About Us
Tamara Burchette was depressed about losing her job. So she found a creative way to pull herself out of her funk: She joined a dance team.
“It’s called the Louisiana Ladies,” says Tamara, who is 56 and lives in Slidell, Louisiana. “We perform in parades and charity events. I’m not a dancer, but they took everyone who tried out. We encourage each other at all ages, and I’m not even the oldest one!”
Encouragement was exactly what Tamara needed when the company she had been with for more than a decade was bought. “The new owners brought in their own people and got rid of us. It was awful,” she remembers. Dancing helped her cope with the loss, but she knew she had to find another job.
Tamara, who grew up in Pascagoula, Mississippi, is no stranger to job hunting; in fact, she’s been working full-time jobs since she was 19. She had planned to go to college and study design, but when her son was born just after her high school graduation, those plans had to change.
She found a position as a buyer for a construction project, where she was the only woman in the office — and the only employee with a baby in tow. “I had to bring him with me,” she says. “I remember carting him around the office in his car seat.”
Finding a new job at 56 was different, though, and Tamara was unsure of what to do next. She visited Tri-Parish Works, the local employment office. The career specialist there told her about AARP Foundation’s BACK TO WORK 50+, which provides unemployed older workers with a suite of tools and coaching resources to help them compete with confidence for today’s high-quality, in-demand jobs. Tamara signed up right away.
“I went to all the meetings and learned everything I could,” she says. “The classes are so well designed. They teach you exactly what you need to do, step by step: interviewing, keywords to use for your skills, how to dress, what to include on a résumé. Everything you need to know.”

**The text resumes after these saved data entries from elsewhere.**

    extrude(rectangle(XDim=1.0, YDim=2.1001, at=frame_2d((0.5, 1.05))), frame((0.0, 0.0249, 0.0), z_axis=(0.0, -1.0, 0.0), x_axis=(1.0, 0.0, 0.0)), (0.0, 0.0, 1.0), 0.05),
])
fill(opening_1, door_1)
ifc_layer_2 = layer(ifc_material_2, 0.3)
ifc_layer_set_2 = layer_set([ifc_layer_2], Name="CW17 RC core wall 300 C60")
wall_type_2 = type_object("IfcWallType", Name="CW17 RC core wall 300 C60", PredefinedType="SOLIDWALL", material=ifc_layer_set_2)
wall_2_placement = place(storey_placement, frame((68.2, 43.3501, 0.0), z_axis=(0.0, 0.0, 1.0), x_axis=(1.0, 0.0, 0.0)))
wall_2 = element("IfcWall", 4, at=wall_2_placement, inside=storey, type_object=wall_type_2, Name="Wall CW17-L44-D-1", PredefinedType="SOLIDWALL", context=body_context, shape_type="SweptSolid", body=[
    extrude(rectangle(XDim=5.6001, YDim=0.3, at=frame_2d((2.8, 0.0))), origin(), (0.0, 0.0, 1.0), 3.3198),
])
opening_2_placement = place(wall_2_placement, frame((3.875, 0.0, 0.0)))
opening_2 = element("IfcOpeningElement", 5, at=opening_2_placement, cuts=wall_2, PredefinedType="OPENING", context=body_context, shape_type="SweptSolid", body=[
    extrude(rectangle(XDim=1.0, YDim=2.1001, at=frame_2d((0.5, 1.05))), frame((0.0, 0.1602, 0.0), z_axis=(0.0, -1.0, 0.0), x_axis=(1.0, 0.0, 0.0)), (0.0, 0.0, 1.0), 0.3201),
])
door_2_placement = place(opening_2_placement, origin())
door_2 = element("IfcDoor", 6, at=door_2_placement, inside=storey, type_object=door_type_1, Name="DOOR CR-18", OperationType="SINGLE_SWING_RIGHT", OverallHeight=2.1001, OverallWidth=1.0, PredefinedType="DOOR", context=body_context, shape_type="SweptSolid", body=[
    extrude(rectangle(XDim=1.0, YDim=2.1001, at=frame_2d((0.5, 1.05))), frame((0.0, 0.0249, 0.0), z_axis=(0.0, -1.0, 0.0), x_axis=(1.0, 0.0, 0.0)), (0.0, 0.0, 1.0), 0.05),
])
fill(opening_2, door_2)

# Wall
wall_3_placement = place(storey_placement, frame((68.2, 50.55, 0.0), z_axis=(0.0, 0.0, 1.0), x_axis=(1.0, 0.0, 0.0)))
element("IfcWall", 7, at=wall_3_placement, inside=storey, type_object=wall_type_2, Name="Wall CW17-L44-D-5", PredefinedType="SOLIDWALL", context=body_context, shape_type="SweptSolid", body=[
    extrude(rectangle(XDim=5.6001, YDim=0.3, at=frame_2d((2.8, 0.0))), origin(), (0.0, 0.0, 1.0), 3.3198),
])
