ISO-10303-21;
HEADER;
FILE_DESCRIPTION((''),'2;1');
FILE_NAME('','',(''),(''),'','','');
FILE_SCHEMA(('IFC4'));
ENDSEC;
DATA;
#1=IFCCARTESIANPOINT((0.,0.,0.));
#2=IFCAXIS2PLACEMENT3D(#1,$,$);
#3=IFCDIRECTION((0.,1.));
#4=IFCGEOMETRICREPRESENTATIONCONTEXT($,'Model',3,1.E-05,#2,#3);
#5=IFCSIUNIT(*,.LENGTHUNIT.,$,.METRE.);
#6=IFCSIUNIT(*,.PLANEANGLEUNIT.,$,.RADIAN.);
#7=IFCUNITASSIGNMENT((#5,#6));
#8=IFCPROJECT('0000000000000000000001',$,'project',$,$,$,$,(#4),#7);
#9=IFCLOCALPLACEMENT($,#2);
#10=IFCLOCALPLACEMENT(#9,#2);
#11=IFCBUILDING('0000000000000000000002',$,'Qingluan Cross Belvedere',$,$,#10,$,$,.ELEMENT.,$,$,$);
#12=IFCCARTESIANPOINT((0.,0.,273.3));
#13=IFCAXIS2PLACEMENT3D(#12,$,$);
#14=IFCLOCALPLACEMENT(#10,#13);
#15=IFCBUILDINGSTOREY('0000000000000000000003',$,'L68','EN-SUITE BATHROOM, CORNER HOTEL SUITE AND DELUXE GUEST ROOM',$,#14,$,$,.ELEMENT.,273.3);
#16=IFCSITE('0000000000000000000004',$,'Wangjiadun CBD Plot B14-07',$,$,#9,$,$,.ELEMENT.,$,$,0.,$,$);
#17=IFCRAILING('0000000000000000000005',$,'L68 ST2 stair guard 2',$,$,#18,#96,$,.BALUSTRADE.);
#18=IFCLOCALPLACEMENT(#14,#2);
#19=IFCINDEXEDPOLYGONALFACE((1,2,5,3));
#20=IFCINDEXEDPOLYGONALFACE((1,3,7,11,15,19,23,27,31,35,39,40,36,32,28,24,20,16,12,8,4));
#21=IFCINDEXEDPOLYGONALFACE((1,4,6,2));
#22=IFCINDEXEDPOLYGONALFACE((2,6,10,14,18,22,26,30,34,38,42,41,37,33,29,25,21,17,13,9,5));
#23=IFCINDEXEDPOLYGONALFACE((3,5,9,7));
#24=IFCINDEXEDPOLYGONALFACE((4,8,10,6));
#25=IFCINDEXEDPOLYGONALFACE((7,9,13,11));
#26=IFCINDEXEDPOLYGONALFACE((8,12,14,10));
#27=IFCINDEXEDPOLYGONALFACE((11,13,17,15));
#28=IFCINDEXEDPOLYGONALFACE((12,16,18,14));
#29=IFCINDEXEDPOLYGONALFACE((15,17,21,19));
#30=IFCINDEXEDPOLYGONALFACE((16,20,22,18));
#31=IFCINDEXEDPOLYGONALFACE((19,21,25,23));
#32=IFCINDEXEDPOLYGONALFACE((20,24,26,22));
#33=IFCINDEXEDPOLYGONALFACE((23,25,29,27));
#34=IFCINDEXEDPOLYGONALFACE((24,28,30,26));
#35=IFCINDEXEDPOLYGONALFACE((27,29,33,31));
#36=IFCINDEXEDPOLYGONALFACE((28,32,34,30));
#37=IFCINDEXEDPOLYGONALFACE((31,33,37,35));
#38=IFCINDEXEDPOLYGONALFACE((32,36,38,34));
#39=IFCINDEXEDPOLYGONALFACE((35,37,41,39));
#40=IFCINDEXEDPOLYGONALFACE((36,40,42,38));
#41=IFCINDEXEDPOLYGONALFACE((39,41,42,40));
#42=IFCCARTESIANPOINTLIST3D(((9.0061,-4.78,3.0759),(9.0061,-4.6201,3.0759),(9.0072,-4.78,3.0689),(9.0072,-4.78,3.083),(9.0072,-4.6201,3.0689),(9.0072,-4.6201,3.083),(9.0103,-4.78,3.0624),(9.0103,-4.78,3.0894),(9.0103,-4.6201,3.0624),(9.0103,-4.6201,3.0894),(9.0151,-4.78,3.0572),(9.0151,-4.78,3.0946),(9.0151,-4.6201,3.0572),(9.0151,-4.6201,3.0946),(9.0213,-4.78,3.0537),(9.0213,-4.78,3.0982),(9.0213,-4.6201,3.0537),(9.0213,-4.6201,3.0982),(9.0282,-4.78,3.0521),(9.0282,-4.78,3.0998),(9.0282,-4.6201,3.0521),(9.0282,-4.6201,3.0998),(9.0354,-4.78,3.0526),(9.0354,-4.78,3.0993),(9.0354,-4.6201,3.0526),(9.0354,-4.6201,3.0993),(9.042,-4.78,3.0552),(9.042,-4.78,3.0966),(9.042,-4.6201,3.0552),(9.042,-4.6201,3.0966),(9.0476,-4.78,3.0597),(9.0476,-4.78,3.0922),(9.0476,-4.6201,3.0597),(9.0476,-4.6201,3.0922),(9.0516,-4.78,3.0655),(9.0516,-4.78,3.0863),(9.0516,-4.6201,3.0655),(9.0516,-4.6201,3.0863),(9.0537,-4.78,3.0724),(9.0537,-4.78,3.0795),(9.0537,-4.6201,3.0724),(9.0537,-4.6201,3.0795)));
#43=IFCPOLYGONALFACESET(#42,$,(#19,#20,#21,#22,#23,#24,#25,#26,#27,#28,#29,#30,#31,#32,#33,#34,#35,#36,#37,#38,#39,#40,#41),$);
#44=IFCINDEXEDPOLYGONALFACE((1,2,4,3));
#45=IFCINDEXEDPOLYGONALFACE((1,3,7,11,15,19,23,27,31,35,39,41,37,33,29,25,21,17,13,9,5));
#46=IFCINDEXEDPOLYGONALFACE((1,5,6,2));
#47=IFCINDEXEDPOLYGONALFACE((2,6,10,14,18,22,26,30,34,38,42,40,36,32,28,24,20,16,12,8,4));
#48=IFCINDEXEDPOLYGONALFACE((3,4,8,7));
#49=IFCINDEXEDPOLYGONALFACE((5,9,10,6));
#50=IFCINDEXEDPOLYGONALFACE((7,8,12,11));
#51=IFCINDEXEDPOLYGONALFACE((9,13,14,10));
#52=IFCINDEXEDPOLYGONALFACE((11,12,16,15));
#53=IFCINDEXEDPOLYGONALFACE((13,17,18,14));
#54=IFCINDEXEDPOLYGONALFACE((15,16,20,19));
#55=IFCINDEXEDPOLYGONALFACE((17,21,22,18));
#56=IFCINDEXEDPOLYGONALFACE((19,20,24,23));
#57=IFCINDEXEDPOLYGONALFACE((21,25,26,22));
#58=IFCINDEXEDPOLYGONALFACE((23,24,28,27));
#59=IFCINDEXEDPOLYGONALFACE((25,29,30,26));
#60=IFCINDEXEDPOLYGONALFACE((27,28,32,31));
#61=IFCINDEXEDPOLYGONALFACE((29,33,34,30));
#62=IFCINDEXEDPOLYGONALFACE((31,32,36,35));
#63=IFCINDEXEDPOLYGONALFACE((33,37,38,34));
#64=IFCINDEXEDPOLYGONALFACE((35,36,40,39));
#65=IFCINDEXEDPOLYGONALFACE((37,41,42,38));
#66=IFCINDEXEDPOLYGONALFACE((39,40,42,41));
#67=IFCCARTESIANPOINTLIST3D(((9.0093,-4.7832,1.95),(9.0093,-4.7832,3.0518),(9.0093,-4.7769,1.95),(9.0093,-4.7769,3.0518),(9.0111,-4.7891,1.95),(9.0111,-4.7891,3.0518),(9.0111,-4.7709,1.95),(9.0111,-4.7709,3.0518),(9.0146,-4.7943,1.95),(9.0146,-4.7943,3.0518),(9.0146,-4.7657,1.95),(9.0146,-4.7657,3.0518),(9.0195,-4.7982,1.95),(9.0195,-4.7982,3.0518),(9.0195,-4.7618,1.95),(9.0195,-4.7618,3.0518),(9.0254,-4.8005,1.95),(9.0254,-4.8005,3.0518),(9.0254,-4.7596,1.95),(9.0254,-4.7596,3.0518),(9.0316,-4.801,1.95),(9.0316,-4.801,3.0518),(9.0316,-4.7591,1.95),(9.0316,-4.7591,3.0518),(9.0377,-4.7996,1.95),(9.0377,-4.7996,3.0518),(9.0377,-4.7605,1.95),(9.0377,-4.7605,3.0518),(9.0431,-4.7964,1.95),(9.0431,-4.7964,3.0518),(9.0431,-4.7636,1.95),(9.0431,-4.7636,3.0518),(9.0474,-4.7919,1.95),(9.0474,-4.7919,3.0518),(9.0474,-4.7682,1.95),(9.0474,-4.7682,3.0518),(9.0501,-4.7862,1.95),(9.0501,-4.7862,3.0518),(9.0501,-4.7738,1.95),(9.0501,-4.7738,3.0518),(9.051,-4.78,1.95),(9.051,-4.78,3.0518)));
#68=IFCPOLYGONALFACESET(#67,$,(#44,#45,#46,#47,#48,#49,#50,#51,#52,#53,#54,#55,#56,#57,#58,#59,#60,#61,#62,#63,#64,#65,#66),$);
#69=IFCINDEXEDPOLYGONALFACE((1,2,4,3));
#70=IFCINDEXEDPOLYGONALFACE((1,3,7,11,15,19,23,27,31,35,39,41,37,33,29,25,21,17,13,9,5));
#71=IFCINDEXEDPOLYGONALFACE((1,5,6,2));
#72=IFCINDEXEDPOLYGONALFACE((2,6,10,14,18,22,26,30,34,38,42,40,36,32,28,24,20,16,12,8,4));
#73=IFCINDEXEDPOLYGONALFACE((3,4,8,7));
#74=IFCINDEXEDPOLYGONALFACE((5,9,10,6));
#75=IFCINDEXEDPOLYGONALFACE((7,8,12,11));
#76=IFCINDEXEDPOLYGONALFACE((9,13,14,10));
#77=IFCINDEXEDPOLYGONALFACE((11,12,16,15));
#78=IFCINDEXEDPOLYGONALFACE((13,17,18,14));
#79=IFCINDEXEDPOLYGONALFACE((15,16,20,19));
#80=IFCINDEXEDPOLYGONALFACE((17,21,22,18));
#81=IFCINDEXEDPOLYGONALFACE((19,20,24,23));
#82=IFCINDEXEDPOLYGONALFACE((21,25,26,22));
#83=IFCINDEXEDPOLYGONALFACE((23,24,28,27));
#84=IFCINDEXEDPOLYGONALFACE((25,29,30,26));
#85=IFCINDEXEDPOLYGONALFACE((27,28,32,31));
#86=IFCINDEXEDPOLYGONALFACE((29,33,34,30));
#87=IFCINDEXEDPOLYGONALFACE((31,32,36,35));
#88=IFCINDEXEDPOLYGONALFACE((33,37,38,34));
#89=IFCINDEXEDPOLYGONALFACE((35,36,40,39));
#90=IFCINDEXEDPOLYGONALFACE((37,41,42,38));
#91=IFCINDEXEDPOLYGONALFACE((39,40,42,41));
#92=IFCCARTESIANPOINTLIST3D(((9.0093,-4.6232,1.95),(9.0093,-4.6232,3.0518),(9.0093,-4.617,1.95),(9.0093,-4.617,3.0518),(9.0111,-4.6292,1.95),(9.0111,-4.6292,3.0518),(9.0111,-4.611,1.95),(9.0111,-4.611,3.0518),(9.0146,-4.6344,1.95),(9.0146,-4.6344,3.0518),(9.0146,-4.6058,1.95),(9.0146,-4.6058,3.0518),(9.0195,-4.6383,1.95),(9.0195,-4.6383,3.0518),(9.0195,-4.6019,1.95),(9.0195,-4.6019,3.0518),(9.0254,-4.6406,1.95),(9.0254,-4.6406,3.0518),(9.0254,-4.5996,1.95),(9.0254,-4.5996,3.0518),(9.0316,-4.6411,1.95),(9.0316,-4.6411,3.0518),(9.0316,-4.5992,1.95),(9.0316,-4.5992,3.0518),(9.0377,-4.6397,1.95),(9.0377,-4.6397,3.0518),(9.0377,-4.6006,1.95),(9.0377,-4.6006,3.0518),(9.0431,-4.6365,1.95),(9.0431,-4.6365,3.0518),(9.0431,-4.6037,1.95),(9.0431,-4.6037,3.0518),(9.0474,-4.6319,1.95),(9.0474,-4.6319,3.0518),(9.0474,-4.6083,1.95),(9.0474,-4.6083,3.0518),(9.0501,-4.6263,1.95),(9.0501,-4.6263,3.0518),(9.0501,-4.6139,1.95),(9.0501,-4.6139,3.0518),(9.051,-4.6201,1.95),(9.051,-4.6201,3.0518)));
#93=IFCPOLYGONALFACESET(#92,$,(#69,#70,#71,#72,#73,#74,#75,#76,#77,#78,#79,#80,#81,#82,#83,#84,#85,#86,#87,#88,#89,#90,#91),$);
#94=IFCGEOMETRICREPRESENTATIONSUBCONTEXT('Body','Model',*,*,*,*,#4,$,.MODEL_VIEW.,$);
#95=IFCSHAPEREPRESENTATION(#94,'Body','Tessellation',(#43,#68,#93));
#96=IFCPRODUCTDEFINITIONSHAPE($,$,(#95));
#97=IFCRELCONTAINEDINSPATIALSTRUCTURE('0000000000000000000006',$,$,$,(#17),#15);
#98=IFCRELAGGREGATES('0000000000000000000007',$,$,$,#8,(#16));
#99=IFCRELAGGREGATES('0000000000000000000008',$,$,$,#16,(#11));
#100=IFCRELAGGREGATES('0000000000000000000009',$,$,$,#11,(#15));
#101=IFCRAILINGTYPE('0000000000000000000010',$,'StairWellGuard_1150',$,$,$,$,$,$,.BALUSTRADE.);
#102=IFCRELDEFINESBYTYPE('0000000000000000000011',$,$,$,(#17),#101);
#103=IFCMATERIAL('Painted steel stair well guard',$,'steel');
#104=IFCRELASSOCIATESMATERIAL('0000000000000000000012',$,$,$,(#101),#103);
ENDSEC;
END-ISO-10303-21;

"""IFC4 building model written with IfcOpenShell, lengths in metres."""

from ifc_helpers import new_model, si_unit, direction, frame, origin, origin_2d, place, context, subcontext, project, spatial, circle, extrude, material, type_object, element, save


model = new_model("IFC4")

# Units and contexts
model_context = context("Model", 3, precision=1e-05, world=origin(), true_north=direction((0.0, 1.0)))
body_context = subcontext(model_context, "Body", "Model", "MODEL_VIEW")
ifc_project = project(units=[si_unit("LENGTHUNIT", "METRE"), si_unit("PLANEANGLEUNIT", "RADIAN")], contexts=[model_context])

# Site, building, storey
site_placement = place(None, origin())
site = spatial("IfcSite", under=ifc_project, at=site_placement, Name="Wangjiadun CBD Plot B14-07", CompositionType="ELEMENT", RefElevation=0.0)
building_placement = place(site_placement, origin())
building = spatial("IfcBuilding", under=site, at=building_placement, Name="Qingluan Cross Belvedere", CompositionType="ELEMENT")
storey_placement = place(building_placement, frame((0.0, 0.0, 273.3)))
storey = spatial("IfcBuildingStorey", under=building, at=storey_placement, Name="L68", Description="EN-SUITE BATHROOM, CORNER HOTEL SUITE AND DELUXE GUEST ROOM", CompositionType="ELEMENT", Elevation=273.3)

# Railing
ifc_material_1 = material(Name="Painted steel stair well guard", Category="steel")
railing_type_1 = type_object("IfcRailingType", Name="StairWellGuard_1150", PredefinedType="BALUSTRADE", material=ifc_material_1)
railing_1_placement = place(storey_placement, frame((9.03, -4.78, 1.95)))
element("IfcRailing", 1, at=railing_1_placement, inside=storey, type_object=railing_type_1, Name="L68 ST2 stair guard 2", PredefinedType="BALUSTRADE", context=body_context, shape_type="SweptSolid", body=[
    extrude(circle(Radius=0.0239, at=origin_2d()), frame((0.0, 0.0, 1.126), z_axis=(0.0, 1.0, 0.0), x_axis=(-1.0, 0.0, 0.0)), (0.0, 0.0, 1.0), 0.1599),
    extrude(circle(Radius=0.021, at=origin_2d()), origin(), (0.0, 0.0, 1.0), 1.1018),
    extrude(circle(Radius=0.021, at=origin_2d()), frame((0.0, 0.1599, 0.0)), (0.0, 0.0, 1.0), 1.1018),
])

save(model, "model.ifc")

Navigating a job search in her 50s was intimidating, but BACK TO WORK 50+ helped Tamara update her digital literacy skills. “I had to relearn the computer,” she says. “Everything is online now — unemployment, job search, everything!” She learned the importance of active and accessible social media accounts. “Even though you don’t think so, people are looking at you online. When I was growing up, you didn’t worry about that stuff.”